Kim H, Kriebel D
University of Massachusetts Lowell, Lowell, Massachusetts, USA.
Occup Environ Med. 2009 Nov;66(11):733-9. doi: 10.1136/oem.2008.042887. Epub 2009 Aug 16.
Poisson regression is now widely used in epidemiology, but researchers do not always evaluate the potential for bias in this method when the data are overdispersed. This study used simulated data to evaluate sources of overdispersion in public health surveillance data and compare alternative statistical models for analysing such data. If count data are overdispersed, Poisson regression will not correctly estimate the variance. A model called negative binomial 2 (NB2) can correct for overdispersion, and may be preferred for analysis of count data. This paper compared the performance of Poisson and NB2 regression with simulated overdispersed injury surveillance data.
Monte Carlo simulation was used to assess the utility of the NB2 regression model as an alternative to Poisson regression for data which had several different sources of overdispersion. Simulated injury surveillance datasets were created in which an important predictor variable was omitted, as well as with an incorrect offset (denominator). The simulations evaluated the ability of Poisson regression and NB2 to correctly estimate the true determinants of injury and their confidence intervals.
The NB2 model was effective in reducing overdispersion, but it could not reduce bias in point estimates which resulted from omitting a covariate which was a confounder, nor could it reduce bias from using an incorrect offset. One advantage of NB2 over Poisson for overdispersed data was that the confidence interval for a covariate was considerably wider with the former, providing an indication that the Poisson model did not fit well.

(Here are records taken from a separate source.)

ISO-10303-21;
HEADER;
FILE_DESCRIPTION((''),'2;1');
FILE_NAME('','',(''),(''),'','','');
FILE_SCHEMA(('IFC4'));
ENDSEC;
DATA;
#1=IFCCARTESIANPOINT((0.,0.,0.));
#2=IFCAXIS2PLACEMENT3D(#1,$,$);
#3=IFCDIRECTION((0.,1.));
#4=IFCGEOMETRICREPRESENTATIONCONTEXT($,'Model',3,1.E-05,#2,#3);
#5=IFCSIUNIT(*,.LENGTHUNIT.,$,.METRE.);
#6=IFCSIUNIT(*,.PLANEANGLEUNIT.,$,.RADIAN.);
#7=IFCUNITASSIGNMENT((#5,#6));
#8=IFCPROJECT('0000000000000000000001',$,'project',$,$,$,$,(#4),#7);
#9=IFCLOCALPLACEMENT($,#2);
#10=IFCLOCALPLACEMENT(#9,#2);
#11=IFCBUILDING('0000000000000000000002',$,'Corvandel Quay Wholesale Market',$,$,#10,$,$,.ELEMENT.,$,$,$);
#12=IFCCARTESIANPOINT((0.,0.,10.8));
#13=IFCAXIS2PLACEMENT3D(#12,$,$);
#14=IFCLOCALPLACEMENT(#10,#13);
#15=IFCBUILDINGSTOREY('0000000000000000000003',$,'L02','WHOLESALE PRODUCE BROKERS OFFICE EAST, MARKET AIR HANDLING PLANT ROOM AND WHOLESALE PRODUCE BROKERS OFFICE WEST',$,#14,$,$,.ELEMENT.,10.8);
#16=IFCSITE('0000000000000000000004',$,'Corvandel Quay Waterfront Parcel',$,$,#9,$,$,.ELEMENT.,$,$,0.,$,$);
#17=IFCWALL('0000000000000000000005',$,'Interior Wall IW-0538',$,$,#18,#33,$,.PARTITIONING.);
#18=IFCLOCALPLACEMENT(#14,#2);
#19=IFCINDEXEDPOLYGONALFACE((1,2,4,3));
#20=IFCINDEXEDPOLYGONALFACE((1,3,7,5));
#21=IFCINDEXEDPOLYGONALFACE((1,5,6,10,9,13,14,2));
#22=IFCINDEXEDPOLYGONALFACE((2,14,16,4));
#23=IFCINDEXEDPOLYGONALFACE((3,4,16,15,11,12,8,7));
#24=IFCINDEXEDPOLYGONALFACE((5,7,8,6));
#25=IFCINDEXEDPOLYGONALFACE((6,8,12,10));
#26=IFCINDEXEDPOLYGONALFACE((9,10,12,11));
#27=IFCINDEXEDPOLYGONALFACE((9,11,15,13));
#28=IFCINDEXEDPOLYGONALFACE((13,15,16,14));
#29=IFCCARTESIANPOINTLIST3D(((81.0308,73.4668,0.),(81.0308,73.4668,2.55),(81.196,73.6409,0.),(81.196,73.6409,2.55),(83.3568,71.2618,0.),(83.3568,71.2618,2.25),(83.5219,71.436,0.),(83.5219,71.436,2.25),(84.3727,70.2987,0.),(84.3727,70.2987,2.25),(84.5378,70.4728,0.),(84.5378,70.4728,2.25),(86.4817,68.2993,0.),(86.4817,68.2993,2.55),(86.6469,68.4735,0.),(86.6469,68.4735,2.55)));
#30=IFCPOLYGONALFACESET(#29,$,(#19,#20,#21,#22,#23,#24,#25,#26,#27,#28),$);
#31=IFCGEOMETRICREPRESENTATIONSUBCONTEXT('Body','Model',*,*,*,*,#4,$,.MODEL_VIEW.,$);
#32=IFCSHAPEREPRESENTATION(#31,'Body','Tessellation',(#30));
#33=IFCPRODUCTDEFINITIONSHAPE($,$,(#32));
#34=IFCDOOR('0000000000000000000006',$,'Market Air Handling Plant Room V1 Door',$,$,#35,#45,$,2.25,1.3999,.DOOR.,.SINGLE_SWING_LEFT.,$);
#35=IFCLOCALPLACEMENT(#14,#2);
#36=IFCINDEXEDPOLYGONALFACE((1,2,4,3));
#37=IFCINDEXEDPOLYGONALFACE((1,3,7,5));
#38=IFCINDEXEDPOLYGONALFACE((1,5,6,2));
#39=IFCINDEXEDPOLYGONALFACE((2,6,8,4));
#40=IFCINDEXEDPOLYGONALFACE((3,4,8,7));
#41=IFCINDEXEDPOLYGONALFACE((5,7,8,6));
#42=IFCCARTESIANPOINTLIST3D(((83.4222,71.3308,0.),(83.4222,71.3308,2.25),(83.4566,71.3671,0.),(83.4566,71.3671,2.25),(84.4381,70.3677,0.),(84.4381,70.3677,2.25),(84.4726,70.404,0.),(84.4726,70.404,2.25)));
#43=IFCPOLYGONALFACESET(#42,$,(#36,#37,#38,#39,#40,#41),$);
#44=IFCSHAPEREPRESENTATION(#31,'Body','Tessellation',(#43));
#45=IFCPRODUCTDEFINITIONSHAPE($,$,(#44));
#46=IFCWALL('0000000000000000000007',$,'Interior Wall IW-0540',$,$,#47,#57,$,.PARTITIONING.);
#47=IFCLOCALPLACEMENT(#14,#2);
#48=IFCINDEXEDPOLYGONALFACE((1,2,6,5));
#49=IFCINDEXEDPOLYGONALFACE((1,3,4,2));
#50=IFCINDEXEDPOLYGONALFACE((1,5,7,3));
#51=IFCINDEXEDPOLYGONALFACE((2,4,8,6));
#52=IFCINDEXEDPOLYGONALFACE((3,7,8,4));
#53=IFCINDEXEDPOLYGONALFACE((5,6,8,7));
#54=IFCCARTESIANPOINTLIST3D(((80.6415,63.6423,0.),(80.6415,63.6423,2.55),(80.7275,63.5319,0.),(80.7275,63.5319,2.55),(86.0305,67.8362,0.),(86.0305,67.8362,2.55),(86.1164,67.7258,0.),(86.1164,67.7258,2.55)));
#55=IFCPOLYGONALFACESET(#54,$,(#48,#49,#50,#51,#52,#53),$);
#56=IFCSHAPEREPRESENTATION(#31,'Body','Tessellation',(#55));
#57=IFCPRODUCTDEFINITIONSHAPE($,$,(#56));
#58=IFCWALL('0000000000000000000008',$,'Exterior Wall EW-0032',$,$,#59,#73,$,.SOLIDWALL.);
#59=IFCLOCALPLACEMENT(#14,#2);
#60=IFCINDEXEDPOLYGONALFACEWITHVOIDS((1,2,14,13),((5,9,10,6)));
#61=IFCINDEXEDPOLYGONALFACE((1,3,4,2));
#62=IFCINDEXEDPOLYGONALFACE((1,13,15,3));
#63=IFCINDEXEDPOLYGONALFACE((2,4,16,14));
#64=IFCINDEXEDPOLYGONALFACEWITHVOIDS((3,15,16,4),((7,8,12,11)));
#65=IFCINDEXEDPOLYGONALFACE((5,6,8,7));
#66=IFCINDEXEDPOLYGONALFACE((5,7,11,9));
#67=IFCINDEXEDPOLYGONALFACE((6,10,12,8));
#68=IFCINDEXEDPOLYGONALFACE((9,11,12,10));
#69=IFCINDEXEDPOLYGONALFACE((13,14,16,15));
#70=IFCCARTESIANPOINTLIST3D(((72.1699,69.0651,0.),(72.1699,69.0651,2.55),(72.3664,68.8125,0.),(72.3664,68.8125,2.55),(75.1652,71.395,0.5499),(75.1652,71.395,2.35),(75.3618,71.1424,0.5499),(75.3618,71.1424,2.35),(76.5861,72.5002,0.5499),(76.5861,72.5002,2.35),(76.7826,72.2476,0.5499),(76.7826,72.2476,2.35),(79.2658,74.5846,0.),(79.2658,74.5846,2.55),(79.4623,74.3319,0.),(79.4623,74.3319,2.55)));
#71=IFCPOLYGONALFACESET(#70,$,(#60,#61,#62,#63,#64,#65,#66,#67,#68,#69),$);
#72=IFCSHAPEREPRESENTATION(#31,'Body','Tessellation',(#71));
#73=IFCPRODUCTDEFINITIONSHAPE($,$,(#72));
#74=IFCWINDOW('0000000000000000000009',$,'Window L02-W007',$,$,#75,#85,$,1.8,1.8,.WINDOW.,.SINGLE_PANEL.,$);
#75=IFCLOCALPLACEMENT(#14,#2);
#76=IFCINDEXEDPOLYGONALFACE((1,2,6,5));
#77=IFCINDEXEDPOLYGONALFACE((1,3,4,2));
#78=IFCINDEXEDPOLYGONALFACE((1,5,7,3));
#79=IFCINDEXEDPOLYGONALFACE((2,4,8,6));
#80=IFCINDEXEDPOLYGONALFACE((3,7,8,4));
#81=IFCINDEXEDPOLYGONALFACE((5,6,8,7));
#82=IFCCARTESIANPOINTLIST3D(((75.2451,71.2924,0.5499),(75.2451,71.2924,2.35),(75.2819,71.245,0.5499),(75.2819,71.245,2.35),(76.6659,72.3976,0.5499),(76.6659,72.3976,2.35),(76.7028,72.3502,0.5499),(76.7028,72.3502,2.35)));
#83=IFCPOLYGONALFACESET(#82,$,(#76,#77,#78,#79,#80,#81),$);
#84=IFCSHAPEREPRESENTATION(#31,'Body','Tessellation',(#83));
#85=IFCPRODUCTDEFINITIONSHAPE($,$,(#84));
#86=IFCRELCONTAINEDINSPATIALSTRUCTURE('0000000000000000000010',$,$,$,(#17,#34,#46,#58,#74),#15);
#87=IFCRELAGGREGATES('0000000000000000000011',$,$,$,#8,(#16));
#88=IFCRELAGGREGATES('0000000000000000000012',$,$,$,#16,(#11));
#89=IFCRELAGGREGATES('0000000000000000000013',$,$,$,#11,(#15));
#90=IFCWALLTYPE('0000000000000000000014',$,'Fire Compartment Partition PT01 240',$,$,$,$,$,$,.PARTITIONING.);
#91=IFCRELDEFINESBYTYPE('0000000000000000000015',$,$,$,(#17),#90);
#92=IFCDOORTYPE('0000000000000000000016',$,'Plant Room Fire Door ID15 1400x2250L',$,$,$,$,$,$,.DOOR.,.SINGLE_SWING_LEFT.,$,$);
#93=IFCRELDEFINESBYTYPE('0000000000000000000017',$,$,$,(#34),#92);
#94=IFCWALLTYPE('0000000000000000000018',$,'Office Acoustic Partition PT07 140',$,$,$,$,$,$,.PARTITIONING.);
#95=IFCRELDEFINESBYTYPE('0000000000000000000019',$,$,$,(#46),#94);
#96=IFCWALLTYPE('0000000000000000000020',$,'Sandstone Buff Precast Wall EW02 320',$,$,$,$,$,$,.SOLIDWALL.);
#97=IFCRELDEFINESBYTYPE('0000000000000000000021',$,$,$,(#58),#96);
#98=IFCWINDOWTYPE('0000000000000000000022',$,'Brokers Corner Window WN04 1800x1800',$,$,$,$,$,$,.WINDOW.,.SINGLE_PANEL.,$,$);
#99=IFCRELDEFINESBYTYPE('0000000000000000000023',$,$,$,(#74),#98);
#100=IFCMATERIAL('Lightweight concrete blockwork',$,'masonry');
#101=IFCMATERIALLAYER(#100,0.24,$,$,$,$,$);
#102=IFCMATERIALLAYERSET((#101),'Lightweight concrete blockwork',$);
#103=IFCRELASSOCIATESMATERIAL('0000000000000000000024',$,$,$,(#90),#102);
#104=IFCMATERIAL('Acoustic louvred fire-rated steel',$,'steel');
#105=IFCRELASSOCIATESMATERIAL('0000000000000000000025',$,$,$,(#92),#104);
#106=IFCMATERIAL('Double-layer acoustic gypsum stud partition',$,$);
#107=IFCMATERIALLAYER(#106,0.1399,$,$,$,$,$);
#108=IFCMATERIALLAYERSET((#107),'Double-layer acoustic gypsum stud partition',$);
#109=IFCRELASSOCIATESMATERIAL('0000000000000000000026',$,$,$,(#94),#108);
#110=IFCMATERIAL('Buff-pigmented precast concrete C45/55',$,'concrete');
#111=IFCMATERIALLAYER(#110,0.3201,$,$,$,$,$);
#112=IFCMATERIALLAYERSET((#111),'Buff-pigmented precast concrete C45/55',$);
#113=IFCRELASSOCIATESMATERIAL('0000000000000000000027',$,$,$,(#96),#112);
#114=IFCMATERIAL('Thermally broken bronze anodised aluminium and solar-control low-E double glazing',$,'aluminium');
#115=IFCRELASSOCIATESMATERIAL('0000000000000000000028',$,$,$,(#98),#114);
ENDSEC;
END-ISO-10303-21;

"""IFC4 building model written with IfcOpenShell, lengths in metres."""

from ifc_helpers import new_model, si_unit, direction, frame, frame_2d, origin, place, context, subcontext, project, spatial, rectangle, extrude, material, layer, layer_set, type_object, element, fill, save


model = new_model("IFC4")

# Units and contexts
model_context = context("Model", 3, precision=1e-05, world=origin(), true_north=direction((0.0, 1.0)))
body_context = subcontext(model_context, "Body", "Model", "MODEL_VIEW")
ifc_project = project(units=[si_unit("LENGTHUNIT", "METRE"), si_unit("PLANEANGLEUNIT", "RADIAN")], contexts=[model_context])

# Site, building, storey
site_placement = place(None, origin())
site = spatial("IfcSite", under=ifc_project, at=site_placement, Name="Corvandel Quay Waterfront Parcel", CompositionType="ELEMENT", RefElevation=0.0)
building_placement = place(site_placement, origin())
building = spatial("IfcBuilding", under=site, at=building_placement, Name="Corvandel Quay Wholesale Market", CompositionType="ELEMENT")
storey_placement = place(building_placement, frame((0.0, 0.0, 10.8)))
storey = spatial("IfcBuildingStorey", under=building, at=storey_placement, Name="L02", Description="WHOLESALE PRODUCE BROKERS OFFICE EAST, MARKET AIR HANDLING PLANT ROOM AND WHOLESALE PRODUCE BROKERS OFFICE WEST", CompositionType="ELEMENT", Elevation=10.8)

# Wall, opening, door
ifc_material_1 = material(Name="Lightweight concrete blockwork", Category="masonry")
ifc_layer_1 = layer(ifc_material_1, 0.24)
ifc_layer_set_1 = layer_set([ifc_layer_1], Name="Lightweight concrete blockwork")
wall_type_1 = type_object("IfcWallType", Name="Fire Compartment Partition PT01 240", PredefinedType="PARTITIONING", material=ifc_layer_set_1)
wall_1_placement = place(storey_placement, frame((86.5642, 68.3865, 0.0), z_axis=(0.0, 0.0, 1.0), x_axis=(-0.725724, 0.687986, 0.0)))
wall_1 = element("IfcWall", 1, at=wall_1_placement, inside=storey, type_object=wall_type_1, Name="Interior Wall IW-0538", PredefinedType="PARTITIONING", context=body_context, shape_type="SweptSolid", body=[
    extrude(rectangle(XDim=7.511, YDim=0.24, at=frame_2d((3.7554, 0.0))), origin(), (0.0, 0.0, 1.0), 2.55),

When overdispersion is detected in a Poisson regression model, the NB2 model should be fit as an alternative. If there is no longer overdispersion, then the NB2 results may be preferred. However, it is important to remember that NB2 cannot correct for bias from omitted covariates or from using an incorrect offset.
泊松回归目前在流行病学中广泛应用,但当数据存在过度离散时,研究人员并不总是评估该方法中偏差的可能性。本研究使用模拟数据来评估公共卫生监测数据中过度离散的来源,并比较用于分析此类数据的替代统计模型。如果计数数据存在过度离散,泊松回归将无法正确估计方差。一种称为负二项式2(NB2)的模型可以校正过度离散,并且可能更适合用于计数数据的分析。本文比较了泊松回归和NB2回归在模拟的过度离散伤害监测数据中的性能。
采用蒙特卡罗模拟来评估NB2回归模型作为泊松回归替代方法对具有几种不同过度离散来源的数据的效用。创建模拟伤害监测数据集,其中遗漏了一个重要的预测变量,以及使用了错误的偏移量(分母)。模拟评估了泊松回归和NB2正确估计伤害的真正决定因素及其置信区间的能力。
NB2模型在减少过度离散方面有效,但它无法减少因遗漏作为混杂因素的协变量而导致的点估计偏差,也无法减少因使用错误偏移量而产生的偏差。对于过度离散数据,NB2相对于泊松回归的一个优点是,前者协变量的置信区间要宽得多,这表明泊松模型拟合不佳。
当在泊松回归模型中检测到过度离散时,应拟合NB2模型作为替代。如果不再存在过度离散,那么NB2的结果可能更可取。然而,重要的是要记住,NB2无法校正因遗漏协变量或使用错误偏移量而产生的偏差。